3. Who’s your boss crush & why?
There are so many people I could name. I have always looked at Grace Coddington as an inspiration. She is known and respected around the world for her eye and the editorials she has directed for Vogue. But lately, Pat McGrath really comes to mind when I think of women that are at the top of their game. She had no formal training and has worked to become one of the best makeup artists in the world, with her own extremely successful makeup line.

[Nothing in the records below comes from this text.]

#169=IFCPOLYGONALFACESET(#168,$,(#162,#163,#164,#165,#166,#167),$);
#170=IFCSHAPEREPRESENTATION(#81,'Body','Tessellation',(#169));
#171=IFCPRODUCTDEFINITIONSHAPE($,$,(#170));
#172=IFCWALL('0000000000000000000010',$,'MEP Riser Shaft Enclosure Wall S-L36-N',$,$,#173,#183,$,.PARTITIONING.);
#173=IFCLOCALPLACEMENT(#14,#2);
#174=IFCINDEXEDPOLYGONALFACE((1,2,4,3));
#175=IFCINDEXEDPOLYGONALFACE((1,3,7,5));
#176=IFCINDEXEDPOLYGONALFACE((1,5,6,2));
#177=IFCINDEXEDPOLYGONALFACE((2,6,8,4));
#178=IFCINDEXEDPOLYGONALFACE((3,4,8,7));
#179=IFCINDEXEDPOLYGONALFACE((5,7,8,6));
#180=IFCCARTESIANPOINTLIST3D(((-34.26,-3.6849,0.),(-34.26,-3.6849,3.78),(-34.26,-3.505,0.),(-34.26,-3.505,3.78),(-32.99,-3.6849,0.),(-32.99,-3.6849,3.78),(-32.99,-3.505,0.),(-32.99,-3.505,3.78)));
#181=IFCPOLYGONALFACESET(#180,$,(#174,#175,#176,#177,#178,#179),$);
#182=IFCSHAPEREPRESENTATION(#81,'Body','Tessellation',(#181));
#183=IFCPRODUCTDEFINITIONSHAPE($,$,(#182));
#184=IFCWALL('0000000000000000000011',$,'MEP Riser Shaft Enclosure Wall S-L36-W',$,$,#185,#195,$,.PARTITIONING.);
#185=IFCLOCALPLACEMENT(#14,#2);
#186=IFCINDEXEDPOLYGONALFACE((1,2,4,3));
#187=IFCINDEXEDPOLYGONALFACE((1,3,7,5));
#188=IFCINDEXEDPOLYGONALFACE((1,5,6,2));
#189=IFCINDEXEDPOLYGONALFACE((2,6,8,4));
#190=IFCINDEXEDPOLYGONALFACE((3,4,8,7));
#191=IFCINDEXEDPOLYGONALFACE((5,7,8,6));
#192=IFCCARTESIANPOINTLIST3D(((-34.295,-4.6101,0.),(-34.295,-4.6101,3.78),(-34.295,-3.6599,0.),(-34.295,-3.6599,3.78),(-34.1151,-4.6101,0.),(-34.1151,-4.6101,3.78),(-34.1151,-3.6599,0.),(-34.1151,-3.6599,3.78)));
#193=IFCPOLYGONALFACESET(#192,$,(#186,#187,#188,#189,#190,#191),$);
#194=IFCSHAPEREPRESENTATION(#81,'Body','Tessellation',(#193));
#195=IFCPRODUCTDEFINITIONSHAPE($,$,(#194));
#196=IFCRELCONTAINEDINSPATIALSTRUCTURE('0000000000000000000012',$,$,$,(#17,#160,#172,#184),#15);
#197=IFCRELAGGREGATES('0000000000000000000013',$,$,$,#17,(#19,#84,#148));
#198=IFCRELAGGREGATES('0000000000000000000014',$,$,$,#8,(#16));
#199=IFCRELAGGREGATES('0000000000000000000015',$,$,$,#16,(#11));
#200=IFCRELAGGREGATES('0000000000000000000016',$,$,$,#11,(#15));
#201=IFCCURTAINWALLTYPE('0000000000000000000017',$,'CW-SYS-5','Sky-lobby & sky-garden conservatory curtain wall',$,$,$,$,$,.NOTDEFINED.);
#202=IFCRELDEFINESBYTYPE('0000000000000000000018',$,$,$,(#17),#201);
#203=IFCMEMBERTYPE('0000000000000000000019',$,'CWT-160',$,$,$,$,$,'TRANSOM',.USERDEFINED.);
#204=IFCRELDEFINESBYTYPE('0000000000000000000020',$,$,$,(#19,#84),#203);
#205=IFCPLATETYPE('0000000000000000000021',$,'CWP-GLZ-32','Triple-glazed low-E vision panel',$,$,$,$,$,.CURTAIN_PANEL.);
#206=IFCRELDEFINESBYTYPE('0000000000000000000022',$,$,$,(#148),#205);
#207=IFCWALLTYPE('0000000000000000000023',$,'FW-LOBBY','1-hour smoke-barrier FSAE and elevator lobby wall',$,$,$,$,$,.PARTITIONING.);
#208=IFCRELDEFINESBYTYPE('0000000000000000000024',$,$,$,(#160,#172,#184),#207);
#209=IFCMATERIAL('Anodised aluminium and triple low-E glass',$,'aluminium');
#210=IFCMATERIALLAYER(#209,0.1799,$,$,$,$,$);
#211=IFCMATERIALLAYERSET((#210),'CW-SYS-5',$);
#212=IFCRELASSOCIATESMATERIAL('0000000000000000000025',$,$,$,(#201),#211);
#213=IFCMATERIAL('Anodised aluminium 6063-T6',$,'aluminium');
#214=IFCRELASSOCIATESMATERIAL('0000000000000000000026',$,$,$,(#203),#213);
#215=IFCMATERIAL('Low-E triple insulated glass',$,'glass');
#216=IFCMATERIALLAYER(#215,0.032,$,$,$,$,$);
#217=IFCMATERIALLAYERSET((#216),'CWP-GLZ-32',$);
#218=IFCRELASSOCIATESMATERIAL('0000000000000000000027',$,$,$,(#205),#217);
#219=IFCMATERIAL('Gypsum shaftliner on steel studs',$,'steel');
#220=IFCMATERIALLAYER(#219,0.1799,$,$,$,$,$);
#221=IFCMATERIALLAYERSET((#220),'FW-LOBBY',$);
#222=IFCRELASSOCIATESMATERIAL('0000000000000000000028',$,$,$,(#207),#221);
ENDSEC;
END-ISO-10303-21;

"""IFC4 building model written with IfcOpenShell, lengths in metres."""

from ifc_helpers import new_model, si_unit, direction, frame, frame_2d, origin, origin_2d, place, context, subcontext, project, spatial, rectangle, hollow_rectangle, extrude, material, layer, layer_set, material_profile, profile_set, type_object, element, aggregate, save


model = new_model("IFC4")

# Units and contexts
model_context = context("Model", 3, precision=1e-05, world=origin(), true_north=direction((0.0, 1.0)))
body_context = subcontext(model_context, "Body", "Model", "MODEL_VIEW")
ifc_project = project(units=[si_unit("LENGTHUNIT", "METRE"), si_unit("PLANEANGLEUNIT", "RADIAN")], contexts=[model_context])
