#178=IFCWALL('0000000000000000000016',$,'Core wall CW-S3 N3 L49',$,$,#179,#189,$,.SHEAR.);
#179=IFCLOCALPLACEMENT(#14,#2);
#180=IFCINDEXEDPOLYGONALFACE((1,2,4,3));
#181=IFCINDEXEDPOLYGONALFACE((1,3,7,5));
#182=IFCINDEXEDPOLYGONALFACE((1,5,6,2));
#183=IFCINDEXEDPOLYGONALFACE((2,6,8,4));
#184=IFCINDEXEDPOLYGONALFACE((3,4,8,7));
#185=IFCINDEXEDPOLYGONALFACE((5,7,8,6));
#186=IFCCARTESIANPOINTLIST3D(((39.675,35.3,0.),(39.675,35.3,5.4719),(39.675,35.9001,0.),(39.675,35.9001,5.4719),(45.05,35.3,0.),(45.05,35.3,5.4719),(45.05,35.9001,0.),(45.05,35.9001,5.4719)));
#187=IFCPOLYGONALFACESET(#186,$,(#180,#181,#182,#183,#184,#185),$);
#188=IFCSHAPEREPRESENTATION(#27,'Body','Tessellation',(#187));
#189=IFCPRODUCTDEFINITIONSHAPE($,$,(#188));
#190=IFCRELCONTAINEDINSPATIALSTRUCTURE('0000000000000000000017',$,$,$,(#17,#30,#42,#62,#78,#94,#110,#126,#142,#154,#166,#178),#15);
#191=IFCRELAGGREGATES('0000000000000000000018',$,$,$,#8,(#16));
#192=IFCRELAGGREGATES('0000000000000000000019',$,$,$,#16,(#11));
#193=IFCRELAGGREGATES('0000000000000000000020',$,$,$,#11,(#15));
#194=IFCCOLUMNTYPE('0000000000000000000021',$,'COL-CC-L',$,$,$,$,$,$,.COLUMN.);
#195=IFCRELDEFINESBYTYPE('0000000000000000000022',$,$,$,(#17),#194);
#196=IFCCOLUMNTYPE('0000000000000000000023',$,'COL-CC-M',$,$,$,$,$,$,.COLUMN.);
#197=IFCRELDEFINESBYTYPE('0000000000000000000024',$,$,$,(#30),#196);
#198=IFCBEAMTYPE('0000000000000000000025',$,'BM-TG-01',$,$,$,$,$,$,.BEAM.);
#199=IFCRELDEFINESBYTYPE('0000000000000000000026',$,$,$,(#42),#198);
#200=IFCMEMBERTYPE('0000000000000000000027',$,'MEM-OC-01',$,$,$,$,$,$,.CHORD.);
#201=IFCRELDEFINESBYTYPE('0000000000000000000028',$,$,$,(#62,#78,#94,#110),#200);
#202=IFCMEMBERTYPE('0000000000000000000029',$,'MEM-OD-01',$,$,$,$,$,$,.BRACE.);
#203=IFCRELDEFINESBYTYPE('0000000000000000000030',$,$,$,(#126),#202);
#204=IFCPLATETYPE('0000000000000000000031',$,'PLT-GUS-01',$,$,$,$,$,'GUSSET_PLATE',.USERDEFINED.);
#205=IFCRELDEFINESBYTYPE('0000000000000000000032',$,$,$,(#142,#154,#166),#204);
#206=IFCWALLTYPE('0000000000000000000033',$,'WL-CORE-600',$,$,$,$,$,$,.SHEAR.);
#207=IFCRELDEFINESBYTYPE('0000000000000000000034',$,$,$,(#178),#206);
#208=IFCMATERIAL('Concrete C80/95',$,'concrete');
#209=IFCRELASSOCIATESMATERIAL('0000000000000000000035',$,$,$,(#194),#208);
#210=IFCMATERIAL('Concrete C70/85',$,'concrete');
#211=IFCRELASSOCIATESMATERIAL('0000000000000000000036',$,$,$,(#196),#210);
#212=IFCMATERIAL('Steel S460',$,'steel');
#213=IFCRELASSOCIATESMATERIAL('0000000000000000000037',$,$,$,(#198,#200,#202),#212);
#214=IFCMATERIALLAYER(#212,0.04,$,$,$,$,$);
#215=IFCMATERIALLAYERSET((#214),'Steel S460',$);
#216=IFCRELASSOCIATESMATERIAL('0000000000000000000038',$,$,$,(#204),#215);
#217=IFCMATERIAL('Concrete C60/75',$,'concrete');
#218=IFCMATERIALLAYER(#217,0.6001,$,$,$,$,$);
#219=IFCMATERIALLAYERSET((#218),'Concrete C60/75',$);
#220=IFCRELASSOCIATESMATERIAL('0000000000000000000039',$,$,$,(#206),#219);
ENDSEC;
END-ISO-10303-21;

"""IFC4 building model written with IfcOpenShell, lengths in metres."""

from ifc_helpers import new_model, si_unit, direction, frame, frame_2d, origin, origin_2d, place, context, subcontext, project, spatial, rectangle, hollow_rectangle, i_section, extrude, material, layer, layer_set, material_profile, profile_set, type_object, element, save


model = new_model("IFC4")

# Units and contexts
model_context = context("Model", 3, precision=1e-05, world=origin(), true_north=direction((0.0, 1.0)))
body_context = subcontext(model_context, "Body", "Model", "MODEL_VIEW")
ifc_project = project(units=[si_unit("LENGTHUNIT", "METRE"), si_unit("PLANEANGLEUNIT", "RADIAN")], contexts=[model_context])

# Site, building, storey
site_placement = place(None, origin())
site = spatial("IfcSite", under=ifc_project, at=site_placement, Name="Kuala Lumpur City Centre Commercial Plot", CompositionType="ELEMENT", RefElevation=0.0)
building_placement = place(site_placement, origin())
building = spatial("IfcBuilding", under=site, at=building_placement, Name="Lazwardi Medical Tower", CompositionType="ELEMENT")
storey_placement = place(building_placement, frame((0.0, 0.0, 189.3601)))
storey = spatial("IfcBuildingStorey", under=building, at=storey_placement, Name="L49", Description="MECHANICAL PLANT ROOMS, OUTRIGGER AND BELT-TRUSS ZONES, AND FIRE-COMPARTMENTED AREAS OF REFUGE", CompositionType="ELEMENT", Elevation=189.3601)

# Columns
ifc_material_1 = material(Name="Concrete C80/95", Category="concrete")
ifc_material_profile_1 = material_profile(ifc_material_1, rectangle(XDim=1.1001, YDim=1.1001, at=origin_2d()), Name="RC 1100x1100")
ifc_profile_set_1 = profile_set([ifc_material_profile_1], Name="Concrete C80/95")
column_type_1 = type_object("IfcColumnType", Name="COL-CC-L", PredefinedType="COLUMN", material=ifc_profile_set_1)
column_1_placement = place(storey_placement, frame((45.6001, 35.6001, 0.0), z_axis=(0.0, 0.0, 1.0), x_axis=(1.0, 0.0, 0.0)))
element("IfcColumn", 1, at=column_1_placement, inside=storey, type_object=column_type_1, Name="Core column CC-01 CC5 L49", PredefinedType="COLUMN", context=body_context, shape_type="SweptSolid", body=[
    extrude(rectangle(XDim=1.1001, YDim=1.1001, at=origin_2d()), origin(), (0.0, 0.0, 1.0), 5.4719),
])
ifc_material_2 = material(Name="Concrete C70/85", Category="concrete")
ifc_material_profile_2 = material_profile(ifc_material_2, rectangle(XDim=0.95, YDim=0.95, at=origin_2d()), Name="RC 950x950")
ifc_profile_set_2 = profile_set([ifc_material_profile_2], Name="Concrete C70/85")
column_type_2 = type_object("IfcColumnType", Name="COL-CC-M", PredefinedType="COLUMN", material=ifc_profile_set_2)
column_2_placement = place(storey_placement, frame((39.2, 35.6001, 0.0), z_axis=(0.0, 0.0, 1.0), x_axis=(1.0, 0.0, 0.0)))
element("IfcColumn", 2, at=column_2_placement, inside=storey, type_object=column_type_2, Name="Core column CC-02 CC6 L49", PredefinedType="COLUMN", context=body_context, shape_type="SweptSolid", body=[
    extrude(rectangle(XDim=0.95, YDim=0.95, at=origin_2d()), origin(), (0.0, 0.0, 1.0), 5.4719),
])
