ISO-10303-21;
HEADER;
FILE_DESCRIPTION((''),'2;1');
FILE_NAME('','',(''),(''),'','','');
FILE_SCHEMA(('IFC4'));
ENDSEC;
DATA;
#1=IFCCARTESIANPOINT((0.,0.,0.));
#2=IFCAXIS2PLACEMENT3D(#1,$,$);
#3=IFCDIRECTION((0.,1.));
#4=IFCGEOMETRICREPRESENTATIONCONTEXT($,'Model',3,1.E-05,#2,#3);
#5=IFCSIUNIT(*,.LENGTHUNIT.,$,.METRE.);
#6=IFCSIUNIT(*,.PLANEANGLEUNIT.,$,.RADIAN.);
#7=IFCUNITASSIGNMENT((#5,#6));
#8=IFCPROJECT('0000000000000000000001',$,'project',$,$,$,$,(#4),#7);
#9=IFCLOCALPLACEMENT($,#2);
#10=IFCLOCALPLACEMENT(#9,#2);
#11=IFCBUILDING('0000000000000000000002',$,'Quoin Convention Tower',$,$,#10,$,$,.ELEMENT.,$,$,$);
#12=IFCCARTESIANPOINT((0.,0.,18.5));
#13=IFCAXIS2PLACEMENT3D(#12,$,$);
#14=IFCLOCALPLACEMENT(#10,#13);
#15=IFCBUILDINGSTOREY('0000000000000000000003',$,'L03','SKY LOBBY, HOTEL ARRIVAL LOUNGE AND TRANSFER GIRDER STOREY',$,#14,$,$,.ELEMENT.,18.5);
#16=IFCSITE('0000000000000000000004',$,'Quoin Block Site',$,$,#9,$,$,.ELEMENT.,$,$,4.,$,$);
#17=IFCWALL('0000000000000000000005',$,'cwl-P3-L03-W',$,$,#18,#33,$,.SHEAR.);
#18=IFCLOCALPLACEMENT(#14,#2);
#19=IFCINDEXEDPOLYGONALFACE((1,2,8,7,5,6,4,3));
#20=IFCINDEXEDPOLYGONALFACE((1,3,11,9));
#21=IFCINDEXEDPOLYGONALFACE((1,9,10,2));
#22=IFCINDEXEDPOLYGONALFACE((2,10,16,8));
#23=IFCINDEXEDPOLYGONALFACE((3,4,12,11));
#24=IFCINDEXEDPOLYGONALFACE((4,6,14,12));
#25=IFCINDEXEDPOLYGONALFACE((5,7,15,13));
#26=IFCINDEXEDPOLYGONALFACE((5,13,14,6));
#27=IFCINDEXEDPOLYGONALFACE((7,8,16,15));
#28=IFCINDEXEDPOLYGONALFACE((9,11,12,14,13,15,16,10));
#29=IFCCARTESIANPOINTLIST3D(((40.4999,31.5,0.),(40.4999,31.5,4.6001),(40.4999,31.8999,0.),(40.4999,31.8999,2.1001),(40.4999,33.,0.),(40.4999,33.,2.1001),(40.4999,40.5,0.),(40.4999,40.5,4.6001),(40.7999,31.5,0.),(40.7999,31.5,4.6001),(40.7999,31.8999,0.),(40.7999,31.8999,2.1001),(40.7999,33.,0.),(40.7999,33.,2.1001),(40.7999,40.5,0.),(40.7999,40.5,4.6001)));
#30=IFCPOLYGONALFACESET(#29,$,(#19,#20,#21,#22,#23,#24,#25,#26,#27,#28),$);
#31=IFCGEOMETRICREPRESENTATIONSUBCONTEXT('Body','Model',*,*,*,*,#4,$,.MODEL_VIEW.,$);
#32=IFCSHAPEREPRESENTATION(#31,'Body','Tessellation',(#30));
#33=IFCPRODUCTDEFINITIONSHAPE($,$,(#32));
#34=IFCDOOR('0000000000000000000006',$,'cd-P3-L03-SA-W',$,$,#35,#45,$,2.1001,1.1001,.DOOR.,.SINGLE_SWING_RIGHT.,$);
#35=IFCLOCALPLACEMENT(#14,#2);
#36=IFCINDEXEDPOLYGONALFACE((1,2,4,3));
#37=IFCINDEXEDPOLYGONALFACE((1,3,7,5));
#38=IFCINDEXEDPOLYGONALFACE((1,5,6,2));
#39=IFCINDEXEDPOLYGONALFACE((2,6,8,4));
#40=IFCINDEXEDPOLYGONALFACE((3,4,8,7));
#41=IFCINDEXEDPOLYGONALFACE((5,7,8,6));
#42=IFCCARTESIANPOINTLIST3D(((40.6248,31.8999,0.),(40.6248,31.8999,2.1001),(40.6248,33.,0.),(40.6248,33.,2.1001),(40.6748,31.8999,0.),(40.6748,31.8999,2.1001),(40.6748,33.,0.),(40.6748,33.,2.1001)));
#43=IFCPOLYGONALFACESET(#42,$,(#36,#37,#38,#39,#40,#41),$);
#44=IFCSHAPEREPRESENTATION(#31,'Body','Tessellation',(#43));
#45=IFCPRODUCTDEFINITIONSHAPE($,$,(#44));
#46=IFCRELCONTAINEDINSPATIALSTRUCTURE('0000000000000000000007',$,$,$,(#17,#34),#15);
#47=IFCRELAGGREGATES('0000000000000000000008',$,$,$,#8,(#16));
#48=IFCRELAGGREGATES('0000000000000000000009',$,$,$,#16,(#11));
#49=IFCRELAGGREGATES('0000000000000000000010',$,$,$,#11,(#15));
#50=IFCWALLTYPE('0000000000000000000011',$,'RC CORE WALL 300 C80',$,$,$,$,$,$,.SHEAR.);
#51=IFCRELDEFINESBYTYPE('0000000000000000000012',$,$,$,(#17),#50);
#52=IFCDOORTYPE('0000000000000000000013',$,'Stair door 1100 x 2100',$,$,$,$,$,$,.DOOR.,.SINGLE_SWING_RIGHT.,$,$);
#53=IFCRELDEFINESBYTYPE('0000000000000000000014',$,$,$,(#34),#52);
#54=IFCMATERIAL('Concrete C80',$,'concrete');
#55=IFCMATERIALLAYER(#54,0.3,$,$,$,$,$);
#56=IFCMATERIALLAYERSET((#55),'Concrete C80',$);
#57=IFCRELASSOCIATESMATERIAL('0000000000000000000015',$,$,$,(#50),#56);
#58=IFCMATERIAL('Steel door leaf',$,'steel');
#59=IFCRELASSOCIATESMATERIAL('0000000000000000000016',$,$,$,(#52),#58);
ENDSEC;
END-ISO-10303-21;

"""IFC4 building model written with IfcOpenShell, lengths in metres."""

from ifc_helpers import new_model, si_unit, direction, frame, frame_2d, origin, place, context, subcontext, project, spatial, rectangle, extrude, material, layer, layer_set, type_object, element, fill, save


model = new_model("IFC4")

# Units and contexts
model_context = context("Model", 3, precision=1e-05, world=origin(), true_north=direction((0.0, 1.0)))
body_context = subcontext(model_context, "Body", "Model", "MODEL_VIEW")
ifc_project = project(units=[si_unit("LENGTHUNIT", "METRE"), si_unit("PLANEANGLEUNIT", "RADIAN")], contexts=[model_context])

# Site, building, storey
site_placement = place(None, origin())
site = spatial("IfcSite", under=ifc_project, at=site_placement, Name="Quoin Block Site", CompositionType="ELEMENT", RefElevation=4.0)
building_placement = place(site_placement, origin())
building = spatial("IfcBuilding", under=site, at=building_placement, Name="Quoin Convention Tower", CompositionType="ELEMENT")
storey_placement = place(building_placement, frame((0.0, 0.0, 18.5)))
storey = spatial("IfcBuildingStorey", under=building, at=storey_placement, Name="L03", Description="SKY LOBBY, HOTEL ARRIVAL LOUNGE AND TRANSFER GIRDER STOREY", CompositionType="ELEMENT", Elevation=18.5)

# Shared definitions
ifc_material_1 = material(Name="Concrete C80", Category="concrete")

# Shared definitions
ifc_material_2 = material(Name="Steel door leaf", Category="steel")

# Wall, opening, door
ifc_layer_1 = layer(ifc_material_1, 0.3)
ifc_layer_set_1 = layer_set([ifc_layer_1], Name="Concrete C80")
wall_type_1 = type_object("IfcWallType", Name="RC CORE WALL 300 C80", PredefinedType="SHEAR", material=ifc_layer_set_1)
wall_1_placement = place(storey_placement, frame((40.6499, 31.5, 0.0), z_axis=(0.0, 0.0, 1.0), x_axis=(0.0, 1.0, 0.0)))
wall_1 = element("IfcWall", 1, at=wall_1_placement, inside=storey, type_object=wall_type_1, Name="cwl-P3-L03-W", PredefinedType="SHEAR", context=body_context, shape_type="SweptSolid", body=[
    extrude(rectangle(XDim=9.0, YDim=0.3, at=frame_2d((4.5, 0.0))), origin(), (0.0, 0.0, 1.0), 4.6001),
])
opening_1_placement = place(wall_1_placement, frame((0.3999, 0.0, 0.0)))
opening_1 = element("IfcOpeningElement", 2, at=opening_1_placement, cuts=wall_1, PredefinedType="OPENING", context=body_context, shape_type="SweptSolid", body=[
    extrude(rectangle(XDim=1.1001, YDim=2.1001, at=frame_2d((0.55, 1.05))), frame((0.0, 0.1599, 0.0), z_axis=(0.0, -1.0, 0.0), x_axis=(1.0, 0.0, 0.0)), (0.0, 0.0, 1.0), 0.3201),
])
door_type_1 = type_object("IfcDoorType", Name="Stair door 1100 x 2100", OperationType="SINGLE_SWING_RIGHT", PredefinedType="DOOR", material=ifc_material_2)
door_1_placement = place(opening_1_placement, frame((1.1001, 0.0, 0.0), z_axis=(0.0, 0.0, 1.0), x_axis=(-1.0, 0.0, 0.0)))
door_1 = element("IfcDoor", 3, at=door_1_placement, inside=storey, type_object=door_type_1, Name="cd-P3-L03-SA-W", OperationType="SINGLE_SWING_RIGHT", OverallHeight=2.1001, OverallWidth=1.1001, PredefinedType="DOOR", context=body_context, shape_type="SweptSolid", body=[
    extrude(rectangle(XDim=1.1001, YDim=2.1001, at=frame_2d((0.55, 1.05))), frame((0.0, 0.0249, 0.0), z_axis=(0.0, -1.0, 0.0), x_axis=(1.0, 0.0, 0.0)), (0.0, 0.0, 1.0), 0.05),
])
fill(opening_1, door_1)

save(model, "model.ifc")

I really relate to people who had non-conventional routes because I took such a roundabout way into the fashion industry and owning a brand.
- What was a pivotal moment in your professional or personal development?
When I reflect back on my trajectory, there are so many moments that have importance. It’s hard to pick one because everything feels like a gradual pull that led me to where I am now. But one that sticks out is quitting my last job. I was working full time for someone else while also running my business. It was the most stressful job I had ever worked (and I have had a lot of stressful jobs!) My boss was out-of-touch and abusive to the entire staff. One day I reached my breaking point. I just couldn’t get out of the house and walk into that office one more time. I had saved up because I felt that moment coming for a while. So I quit, and I told my husband I had enough money saved to skate by for 3 months and didn’t want to work another job while I got my small shop up and running (I was just starting to rent some space within another shop at the time.) He was supportive and now 2 years later, we just moved into our very own brick and mortar and I’m running the brand full time.
- What makes a good boss?
I think self-awareness is really important as is the ability to take constructive criticism. I have also recently learned how important it is to be humble enough to ask for help. That has been a huge obstacle for me and I couldn’t have progressed without help from my friends.
- What advice do you have for aspiring #PlusSizeBosses?
Don’t let your size deter you from doing what you want to do.
Just because you may not see plus size people in the industry or position you want, doesn’t mean it’s not for you. It just means you may be the first.
I know that’s an oversimplification but in the end it’s true. There is always a way to make things happen.
- What’s 1 tip you have for ending fatphobia at work?
I think that ending fatphobia in the workplace will be a result of fighting against fatphobia in general. It’s a symptom of a larger issue. I have always been pretty vocal about calling it out, but I know that I have privileges that are a big factor in me feeling comfortable doing so. So if you have privilege, call it out and educate your co-workers. I think that visibility and representation are a huge step. That may sound like a catch 22 as fatphobia is the reason we may not feel confident advocating for ourselves. But all we can do is push back, own our talents, and demand what we deserve. When you know your worth, it’s harder for people to discount you. And where possible, make your own opportunities. Provide opportunities for other marginalized people. I live in one of the most image conscious cities in America. I have definitely felt like no one was taking me seriously because of my size. I’ve started to produce my own photo shoots spotlighting people of size, and they are getting published. It’s important that people see us existing outside of their bigoted ideas.